I recently submitted a clinical trial application for review by my IRB. They reviewed the consent document, a document meant to assist a patient in understanding a trial before making a decision to participate. The trial tests high doses of radiation therapy together with chemotherapy and a new targeted agent in this setting. The patients enrolled to the study have stage III lung cancer, a disease with a five-year survival of about 15%.

The treatments are potentially life-threatening in a variety of ways that I enunciated ad nauseum in the consent document I submitted. Nevertheless, the IRB objected to the omission of a statement that patients may find items on a questionnaire about their quality of life "upsetting." When someone's treatment or disease has a substantial risk of killing them, a likelihood of making them seriously ill, and a certainty of making them feel like hell for about four months, the possible eyebrow-raising discomfiture provoked by a questionnaire item is not a make-or-break feature of the trial.

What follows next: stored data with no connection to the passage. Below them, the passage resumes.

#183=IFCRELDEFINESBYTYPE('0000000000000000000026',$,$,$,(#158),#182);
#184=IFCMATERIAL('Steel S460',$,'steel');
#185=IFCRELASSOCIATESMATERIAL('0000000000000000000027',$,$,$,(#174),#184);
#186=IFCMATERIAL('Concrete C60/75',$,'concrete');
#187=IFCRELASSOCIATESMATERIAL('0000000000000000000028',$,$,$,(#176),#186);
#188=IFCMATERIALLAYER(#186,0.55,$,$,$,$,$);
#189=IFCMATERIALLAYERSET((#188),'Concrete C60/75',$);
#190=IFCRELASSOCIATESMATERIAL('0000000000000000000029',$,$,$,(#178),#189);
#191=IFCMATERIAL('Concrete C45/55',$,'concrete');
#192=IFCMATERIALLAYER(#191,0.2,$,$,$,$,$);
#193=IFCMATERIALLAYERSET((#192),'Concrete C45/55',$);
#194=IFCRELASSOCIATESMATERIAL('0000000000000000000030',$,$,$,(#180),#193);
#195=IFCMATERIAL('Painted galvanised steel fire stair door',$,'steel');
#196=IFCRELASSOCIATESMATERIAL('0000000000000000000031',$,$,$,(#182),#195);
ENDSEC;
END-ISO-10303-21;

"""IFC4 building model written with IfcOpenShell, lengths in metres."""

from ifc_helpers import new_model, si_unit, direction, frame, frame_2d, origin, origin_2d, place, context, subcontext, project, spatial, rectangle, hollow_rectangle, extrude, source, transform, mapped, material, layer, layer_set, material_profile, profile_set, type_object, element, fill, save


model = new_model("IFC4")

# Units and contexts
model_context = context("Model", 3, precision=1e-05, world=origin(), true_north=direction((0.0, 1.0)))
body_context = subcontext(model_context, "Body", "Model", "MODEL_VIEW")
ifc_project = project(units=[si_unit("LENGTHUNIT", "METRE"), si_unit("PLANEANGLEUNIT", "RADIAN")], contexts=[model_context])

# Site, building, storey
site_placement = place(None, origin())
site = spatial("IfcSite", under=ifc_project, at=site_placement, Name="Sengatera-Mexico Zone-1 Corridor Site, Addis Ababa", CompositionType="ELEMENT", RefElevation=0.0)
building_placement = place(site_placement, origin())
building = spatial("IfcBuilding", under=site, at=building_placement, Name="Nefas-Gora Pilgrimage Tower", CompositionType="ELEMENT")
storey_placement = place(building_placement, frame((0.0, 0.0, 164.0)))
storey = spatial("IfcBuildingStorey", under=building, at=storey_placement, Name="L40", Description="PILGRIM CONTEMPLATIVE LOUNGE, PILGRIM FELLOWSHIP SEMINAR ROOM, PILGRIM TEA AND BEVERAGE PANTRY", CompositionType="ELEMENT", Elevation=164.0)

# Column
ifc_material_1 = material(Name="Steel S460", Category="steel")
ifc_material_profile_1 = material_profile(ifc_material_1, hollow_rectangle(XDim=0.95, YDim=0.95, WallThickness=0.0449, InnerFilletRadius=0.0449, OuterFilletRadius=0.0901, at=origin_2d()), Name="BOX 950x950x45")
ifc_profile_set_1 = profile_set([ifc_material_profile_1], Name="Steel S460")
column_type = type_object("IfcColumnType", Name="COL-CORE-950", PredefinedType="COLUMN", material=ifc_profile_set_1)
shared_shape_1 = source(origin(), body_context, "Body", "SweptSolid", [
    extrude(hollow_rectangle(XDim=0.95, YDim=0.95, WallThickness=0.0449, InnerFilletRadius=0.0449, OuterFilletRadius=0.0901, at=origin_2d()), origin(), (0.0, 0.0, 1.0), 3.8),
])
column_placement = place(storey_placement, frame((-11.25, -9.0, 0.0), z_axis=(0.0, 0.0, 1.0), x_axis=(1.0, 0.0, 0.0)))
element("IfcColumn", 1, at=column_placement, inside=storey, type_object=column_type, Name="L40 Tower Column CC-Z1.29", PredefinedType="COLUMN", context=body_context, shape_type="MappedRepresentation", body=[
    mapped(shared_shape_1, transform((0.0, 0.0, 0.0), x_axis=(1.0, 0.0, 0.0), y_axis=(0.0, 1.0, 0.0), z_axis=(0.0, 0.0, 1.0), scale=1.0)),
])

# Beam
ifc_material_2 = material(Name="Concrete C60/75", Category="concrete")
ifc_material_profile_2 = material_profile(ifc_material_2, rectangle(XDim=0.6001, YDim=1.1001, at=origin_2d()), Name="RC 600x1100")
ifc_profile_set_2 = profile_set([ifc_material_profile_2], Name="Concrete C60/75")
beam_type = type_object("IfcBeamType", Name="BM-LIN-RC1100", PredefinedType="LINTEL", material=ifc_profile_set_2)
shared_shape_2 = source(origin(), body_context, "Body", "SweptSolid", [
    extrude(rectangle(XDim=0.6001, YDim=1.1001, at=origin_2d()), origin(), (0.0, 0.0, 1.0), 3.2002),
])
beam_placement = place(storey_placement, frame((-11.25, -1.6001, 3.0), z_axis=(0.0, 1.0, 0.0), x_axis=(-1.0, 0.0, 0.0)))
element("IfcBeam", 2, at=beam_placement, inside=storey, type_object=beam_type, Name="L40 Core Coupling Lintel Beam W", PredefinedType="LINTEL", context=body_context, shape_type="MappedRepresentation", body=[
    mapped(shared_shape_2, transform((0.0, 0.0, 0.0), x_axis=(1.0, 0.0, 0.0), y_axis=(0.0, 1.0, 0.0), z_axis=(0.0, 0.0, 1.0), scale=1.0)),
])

The document runs 13 pages and contains redundant assurances about protection of privacy, superfluous statements about expenses such as specifying that parking costs will not be covered, and the like. It is a Frankensteinian concatenation of every paternal impulse ponderous regulatory institutions can muster, ostensibly for patient protection, more likely to limit liability.

I applaud the courage of Stewart and Kurzrock for making a case that is long overdue. Their piece is an electrifying manifesto, and should be required reading for every researcher and regulator. I have no doubt that they are incredibly frustrated and inhibited by the regulatory and granting environment they find themselves in. Who knows what great advances we have overlooked, what novel ideas have been turned away, how many eager researchers have been stonewalled by a process that is "perfectly designed to get exactly the results it gets."